There are some fundamental challenges being caused by our ability to capture so much data.

But it is the new technologies that are creating an information boom. “We can collect data faster than we can physically do anything with them,” says Manish Parashar, a computer scientist and head of the Rutgers Discovery Informatics Institute in Piscataway, New Jersey, who collaborates with Foran to find ways of handling the information. “There are some fundamental challenges being caused by our ability to capture so much data,” he says.

A major problem with data sets at the terabyte-and-beyond level is figuring out how to manipulate all the data. A single high-resolution medical image can take up tens of gigabytes, and a researcher might want the computer to compare tens of thousands of such images.
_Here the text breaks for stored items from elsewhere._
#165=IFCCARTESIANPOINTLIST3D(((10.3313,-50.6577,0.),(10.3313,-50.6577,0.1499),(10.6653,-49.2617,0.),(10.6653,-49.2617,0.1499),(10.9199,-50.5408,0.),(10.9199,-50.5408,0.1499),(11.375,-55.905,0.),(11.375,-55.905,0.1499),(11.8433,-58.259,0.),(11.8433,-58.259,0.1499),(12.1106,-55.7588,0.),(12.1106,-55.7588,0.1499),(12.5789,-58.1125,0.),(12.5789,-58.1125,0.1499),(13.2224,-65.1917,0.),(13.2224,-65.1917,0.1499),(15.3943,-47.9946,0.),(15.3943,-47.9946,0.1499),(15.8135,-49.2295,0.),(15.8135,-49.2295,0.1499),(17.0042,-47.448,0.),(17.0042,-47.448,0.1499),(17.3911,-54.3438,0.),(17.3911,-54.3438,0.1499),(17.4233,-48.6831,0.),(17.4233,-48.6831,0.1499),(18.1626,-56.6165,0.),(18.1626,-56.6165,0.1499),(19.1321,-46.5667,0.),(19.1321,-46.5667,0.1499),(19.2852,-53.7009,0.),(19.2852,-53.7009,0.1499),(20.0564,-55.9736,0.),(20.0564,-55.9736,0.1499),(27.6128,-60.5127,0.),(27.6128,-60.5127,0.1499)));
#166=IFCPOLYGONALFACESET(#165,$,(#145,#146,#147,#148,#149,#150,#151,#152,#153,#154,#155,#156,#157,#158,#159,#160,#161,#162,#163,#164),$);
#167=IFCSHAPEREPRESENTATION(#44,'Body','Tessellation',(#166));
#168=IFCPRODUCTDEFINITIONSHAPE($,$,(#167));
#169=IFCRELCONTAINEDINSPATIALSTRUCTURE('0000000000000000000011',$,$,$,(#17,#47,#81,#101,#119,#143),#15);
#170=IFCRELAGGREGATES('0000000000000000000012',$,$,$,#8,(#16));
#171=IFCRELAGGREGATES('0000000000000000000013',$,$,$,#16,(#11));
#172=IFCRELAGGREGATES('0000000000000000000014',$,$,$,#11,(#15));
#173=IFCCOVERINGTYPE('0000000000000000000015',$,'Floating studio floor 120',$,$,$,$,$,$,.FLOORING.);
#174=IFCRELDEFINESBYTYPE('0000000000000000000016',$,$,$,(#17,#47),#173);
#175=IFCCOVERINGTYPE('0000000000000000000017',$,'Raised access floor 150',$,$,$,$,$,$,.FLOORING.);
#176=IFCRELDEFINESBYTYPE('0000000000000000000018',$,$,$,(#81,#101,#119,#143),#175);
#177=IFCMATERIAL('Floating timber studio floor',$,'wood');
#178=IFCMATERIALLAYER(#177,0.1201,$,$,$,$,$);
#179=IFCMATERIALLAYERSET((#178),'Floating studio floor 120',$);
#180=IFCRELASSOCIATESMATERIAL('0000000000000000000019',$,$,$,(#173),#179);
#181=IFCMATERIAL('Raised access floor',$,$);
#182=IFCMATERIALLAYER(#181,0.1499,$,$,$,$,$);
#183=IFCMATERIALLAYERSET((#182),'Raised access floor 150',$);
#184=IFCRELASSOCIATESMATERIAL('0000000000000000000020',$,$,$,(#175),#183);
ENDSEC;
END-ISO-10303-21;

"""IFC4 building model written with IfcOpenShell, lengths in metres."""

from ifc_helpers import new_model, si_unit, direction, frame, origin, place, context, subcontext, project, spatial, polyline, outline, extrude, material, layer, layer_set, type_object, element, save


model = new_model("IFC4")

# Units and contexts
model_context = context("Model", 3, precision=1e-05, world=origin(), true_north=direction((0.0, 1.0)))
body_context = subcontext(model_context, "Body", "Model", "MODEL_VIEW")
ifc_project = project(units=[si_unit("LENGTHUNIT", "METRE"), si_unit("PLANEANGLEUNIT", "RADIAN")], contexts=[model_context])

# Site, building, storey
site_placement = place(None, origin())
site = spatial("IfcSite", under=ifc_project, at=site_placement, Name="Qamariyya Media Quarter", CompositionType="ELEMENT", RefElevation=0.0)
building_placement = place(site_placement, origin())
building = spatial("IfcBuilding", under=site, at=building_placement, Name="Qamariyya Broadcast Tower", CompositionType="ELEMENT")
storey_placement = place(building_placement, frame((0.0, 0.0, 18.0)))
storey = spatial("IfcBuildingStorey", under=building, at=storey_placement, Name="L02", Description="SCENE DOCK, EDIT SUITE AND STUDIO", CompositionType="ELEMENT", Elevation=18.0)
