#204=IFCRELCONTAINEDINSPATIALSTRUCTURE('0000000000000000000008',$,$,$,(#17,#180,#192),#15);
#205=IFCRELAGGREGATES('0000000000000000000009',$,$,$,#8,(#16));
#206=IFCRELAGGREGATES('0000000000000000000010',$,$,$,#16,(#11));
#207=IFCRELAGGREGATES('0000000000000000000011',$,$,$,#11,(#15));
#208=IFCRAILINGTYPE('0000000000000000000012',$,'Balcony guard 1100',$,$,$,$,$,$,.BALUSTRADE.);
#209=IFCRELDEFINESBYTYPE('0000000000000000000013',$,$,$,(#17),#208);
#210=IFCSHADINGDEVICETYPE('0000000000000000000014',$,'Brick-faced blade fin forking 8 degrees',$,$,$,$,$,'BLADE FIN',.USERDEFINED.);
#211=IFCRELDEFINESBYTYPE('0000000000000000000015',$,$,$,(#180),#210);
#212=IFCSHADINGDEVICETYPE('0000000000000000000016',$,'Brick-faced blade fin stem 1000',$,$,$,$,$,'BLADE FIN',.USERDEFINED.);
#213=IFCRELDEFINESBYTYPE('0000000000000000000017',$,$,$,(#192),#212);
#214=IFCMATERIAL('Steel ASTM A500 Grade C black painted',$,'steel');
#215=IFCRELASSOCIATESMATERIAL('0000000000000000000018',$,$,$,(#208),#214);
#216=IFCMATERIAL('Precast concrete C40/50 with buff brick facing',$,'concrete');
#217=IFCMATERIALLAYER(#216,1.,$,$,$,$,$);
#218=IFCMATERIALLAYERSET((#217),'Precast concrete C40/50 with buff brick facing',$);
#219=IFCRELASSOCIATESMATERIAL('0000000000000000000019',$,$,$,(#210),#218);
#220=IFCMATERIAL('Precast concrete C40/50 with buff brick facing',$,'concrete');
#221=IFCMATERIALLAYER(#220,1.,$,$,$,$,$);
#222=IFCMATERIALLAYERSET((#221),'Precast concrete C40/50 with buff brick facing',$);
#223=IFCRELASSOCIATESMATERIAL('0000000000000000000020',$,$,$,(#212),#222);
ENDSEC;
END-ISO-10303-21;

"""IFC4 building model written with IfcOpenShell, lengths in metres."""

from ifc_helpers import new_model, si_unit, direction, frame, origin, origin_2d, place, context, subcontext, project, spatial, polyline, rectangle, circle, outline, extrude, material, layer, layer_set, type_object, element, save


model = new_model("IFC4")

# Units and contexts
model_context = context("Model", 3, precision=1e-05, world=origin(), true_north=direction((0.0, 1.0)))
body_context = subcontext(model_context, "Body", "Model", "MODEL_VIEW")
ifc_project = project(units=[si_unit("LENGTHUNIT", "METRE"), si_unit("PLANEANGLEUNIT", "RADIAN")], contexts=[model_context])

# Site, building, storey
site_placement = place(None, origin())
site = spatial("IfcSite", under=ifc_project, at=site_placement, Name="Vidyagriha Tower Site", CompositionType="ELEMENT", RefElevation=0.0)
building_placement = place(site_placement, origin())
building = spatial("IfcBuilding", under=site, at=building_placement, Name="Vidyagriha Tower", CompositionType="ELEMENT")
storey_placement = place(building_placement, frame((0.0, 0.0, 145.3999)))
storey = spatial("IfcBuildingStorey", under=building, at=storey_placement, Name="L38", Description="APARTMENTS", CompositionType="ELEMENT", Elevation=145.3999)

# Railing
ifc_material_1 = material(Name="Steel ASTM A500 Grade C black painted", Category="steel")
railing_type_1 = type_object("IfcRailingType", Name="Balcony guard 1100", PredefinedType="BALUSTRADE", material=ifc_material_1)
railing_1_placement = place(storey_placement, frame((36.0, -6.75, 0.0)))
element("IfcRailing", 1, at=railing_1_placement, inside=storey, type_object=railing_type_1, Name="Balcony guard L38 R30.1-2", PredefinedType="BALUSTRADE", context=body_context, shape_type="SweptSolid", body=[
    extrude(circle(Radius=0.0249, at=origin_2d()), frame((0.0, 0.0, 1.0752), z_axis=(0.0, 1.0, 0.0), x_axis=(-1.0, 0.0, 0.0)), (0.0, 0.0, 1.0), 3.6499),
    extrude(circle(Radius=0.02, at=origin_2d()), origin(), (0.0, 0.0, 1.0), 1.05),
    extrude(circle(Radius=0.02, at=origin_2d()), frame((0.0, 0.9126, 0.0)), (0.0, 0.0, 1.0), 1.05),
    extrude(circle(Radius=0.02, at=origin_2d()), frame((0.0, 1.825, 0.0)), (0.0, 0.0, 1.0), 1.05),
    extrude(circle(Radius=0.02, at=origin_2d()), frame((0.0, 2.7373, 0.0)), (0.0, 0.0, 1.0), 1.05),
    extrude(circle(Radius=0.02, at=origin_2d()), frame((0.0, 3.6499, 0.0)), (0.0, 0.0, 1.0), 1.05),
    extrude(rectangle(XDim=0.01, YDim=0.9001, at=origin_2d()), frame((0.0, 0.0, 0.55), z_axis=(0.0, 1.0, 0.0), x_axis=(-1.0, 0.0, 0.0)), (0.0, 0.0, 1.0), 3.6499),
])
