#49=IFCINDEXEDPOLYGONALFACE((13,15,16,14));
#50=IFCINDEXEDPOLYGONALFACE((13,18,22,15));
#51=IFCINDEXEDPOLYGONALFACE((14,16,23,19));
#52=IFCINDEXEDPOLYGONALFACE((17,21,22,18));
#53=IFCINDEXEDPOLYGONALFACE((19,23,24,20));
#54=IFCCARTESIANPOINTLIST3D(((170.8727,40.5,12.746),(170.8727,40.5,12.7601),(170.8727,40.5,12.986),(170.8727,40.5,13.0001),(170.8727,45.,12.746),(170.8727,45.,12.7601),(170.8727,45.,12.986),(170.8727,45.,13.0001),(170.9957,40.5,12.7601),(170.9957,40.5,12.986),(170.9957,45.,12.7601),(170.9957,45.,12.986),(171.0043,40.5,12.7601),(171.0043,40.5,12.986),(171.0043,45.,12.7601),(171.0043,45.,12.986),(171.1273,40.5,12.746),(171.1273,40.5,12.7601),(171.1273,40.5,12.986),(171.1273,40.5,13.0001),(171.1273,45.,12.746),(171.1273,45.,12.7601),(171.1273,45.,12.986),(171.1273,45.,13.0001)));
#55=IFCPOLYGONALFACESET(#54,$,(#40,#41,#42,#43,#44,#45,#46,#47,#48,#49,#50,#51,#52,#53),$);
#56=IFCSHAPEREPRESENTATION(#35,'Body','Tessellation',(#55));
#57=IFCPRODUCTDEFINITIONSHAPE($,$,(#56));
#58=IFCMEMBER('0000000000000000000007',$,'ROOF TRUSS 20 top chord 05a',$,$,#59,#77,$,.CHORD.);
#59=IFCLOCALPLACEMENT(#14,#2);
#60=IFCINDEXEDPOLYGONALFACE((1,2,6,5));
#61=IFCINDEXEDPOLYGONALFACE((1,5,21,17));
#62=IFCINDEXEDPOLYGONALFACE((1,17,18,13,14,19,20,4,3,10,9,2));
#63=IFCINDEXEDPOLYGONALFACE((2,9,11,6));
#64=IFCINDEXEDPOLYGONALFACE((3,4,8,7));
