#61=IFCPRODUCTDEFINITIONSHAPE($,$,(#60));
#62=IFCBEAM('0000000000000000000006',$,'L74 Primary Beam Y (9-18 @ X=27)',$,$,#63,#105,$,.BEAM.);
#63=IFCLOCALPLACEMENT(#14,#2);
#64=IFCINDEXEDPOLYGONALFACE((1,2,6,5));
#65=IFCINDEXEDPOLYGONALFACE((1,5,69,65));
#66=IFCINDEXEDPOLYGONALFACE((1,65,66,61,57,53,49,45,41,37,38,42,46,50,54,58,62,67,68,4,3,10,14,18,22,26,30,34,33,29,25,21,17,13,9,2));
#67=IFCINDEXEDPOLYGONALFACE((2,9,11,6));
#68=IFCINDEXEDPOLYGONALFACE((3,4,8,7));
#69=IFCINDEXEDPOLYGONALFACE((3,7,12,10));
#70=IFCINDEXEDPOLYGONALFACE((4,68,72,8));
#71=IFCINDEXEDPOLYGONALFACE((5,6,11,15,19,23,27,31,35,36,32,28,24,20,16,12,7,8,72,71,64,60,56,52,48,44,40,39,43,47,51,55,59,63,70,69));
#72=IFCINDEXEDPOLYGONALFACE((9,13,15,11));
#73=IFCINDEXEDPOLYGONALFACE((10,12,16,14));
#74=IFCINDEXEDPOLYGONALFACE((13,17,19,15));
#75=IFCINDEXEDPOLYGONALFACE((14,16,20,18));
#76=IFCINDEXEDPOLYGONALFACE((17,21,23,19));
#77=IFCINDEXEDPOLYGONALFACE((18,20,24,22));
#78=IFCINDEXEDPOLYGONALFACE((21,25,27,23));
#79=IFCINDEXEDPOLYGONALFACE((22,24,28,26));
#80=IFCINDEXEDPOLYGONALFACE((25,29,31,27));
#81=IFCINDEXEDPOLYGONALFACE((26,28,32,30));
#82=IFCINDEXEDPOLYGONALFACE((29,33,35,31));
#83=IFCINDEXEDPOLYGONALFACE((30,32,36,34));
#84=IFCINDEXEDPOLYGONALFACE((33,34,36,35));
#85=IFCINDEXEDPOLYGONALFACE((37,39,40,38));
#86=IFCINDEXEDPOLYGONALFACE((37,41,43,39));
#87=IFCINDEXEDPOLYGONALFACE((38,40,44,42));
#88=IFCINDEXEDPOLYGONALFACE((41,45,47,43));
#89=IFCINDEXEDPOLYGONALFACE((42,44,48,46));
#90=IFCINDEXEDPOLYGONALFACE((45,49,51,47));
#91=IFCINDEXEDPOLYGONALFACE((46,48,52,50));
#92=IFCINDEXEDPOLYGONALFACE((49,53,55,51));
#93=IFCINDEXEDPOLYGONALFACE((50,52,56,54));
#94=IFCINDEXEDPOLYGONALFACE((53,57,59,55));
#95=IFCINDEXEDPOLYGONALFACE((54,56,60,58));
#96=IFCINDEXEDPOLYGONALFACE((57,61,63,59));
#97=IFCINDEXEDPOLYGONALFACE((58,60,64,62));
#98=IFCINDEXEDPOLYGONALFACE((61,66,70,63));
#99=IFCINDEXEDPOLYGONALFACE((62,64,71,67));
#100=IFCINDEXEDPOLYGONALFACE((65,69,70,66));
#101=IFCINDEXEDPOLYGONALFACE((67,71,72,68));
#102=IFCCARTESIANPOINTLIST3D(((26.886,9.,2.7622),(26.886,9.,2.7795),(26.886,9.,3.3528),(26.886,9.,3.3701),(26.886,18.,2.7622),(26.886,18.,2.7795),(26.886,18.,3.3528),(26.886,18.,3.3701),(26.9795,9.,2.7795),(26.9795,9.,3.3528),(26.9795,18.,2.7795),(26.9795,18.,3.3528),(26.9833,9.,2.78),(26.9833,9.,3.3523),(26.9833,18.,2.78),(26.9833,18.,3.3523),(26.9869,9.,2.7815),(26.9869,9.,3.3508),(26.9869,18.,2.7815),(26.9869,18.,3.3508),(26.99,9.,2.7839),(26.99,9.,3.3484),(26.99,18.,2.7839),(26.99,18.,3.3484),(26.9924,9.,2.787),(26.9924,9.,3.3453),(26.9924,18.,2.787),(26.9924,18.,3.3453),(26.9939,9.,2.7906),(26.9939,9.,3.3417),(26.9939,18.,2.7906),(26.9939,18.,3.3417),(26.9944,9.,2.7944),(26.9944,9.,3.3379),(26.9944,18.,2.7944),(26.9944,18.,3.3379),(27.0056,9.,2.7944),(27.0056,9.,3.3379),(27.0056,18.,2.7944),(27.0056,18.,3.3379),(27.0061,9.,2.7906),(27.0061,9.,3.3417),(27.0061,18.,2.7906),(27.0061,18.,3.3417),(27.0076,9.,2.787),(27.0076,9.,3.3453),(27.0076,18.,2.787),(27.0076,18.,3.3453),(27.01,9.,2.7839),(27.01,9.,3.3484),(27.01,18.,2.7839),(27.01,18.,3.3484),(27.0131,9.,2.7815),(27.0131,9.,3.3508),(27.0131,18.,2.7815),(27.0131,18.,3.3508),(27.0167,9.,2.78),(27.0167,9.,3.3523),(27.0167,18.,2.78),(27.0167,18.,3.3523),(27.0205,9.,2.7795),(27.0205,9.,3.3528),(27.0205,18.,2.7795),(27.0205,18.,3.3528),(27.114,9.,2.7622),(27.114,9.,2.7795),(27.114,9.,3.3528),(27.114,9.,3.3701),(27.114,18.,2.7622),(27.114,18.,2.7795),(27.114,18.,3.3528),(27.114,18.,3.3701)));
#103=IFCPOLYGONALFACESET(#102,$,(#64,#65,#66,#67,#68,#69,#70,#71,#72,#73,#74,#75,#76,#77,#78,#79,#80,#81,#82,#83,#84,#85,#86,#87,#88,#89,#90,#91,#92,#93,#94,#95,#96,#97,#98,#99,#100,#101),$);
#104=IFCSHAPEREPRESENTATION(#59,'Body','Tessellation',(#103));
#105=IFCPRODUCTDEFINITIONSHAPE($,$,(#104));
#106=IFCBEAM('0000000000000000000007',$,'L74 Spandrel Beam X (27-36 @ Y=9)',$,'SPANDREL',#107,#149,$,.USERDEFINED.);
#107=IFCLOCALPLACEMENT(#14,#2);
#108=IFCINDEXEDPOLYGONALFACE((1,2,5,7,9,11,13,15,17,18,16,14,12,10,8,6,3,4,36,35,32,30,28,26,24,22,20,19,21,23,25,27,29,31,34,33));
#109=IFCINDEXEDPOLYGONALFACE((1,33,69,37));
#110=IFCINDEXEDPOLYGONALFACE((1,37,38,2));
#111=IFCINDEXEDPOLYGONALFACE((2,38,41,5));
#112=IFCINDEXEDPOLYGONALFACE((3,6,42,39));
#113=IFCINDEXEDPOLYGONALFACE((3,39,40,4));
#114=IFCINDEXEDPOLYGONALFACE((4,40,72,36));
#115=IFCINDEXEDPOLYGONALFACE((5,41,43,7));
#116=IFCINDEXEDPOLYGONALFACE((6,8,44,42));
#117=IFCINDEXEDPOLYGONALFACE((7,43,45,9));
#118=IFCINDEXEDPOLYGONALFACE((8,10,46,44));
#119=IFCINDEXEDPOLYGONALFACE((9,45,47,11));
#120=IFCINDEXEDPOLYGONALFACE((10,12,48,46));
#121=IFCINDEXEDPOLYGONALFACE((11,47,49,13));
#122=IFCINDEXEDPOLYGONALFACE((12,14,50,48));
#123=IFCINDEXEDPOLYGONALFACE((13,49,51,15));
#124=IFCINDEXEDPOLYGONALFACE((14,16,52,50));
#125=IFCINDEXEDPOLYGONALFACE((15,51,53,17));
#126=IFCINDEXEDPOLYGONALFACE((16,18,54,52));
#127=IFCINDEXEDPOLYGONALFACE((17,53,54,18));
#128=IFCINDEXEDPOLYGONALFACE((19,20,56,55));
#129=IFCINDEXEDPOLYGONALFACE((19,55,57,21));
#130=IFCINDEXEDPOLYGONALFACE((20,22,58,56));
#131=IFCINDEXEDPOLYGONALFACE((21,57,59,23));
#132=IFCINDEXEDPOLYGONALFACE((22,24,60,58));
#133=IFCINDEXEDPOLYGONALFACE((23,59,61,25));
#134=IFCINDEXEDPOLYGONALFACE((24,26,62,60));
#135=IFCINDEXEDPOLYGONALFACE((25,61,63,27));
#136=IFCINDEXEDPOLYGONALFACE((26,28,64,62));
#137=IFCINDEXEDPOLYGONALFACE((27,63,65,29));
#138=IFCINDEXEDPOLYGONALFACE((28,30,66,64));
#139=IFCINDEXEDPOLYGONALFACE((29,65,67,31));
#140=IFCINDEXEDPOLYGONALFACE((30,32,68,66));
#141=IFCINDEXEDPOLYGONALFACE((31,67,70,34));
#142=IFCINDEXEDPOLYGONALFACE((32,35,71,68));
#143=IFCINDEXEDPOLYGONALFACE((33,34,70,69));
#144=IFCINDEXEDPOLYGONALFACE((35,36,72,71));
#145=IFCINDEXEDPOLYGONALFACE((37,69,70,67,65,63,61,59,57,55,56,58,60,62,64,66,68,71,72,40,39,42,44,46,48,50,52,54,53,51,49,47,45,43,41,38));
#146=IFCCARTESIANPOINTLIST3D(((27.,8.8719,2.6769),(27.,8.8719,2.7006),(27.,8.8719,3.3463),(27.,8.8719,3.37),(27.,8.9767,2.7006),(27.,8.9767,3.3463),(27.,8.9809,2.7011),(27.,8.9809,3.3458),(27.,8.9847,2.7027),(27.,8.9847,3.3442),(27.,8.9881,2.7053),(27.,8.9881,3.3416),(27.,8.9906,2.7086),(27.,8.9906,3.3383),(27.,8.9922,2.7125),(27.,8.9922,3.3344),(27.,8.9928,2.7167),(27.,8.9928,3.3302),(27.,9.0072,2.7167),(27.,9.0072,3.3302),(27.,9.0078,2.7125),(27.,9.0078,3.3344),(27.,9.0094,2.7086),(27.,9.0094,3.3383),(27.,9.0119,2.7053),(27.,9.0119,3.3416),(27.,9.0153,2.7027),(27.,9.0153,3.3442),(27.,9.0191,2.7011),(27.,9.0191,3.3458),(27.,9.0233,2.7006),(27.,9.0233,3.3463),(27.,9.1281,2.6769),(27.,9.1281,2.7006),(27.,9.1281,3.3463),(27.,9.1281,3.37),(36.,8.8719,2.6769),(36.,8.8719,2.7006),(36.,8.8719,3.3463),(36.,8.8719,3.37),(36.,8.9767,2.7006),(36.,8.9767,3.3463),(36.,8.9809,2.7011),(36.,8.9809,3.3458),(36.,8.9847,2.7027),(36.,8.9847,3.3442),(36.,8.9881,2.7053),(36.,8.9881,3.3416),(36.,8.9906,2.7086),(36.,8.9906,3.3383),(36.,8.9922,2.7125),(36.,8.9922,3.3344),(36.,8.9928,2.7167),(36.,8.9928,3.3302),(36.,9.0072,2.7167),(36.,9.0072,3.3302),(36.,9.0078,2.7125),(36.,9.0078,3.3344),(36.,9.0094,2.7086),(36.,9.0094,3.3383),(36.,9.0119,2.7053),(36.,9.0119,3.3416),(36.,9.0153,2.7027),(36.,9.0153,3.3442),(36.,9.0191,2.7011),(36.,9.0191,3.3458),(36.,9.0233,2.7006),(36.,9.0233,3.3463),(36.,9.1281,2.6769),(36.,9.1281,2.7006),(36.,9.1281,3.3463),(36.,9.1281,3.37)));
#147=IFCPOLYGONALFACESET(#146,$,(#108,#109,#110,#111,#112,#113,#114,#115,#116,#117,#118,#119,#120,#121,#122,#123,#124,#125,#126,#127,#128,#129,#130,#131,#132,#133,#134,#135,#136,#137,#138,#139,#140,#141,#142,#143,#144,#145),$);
Breaking down just one image in the Rutgers project into sets of pixels that the computer can identify takes about 15 minutes, and moving that much information from where it is stored to where it can be processed is difficult. “Already we have people walking around with disk drives because you can't effectively use the network,” Parashar says.

Informatics researchers are developing algorithms to split data into smaller packets for parallel processing on separate processors, and to compress files without omitting any relevant information. And they are relying on advances in computer science to speed up processing and communications in general.

Foran emphasizes that the understanding and treatment of cancer has undergone a dramatic shift as oncology has moved from one-size-fits-all attacks on tumours towards personalized medicine. But cancers are complex diseases controlled by many genes and other factors. “It's not as if you're going to solve cancer,” he says. But big data can provide new, better-targeted ways of grappling with the disease. “You're going to come up with probably a whole new set of blueprints for how to treat patients.”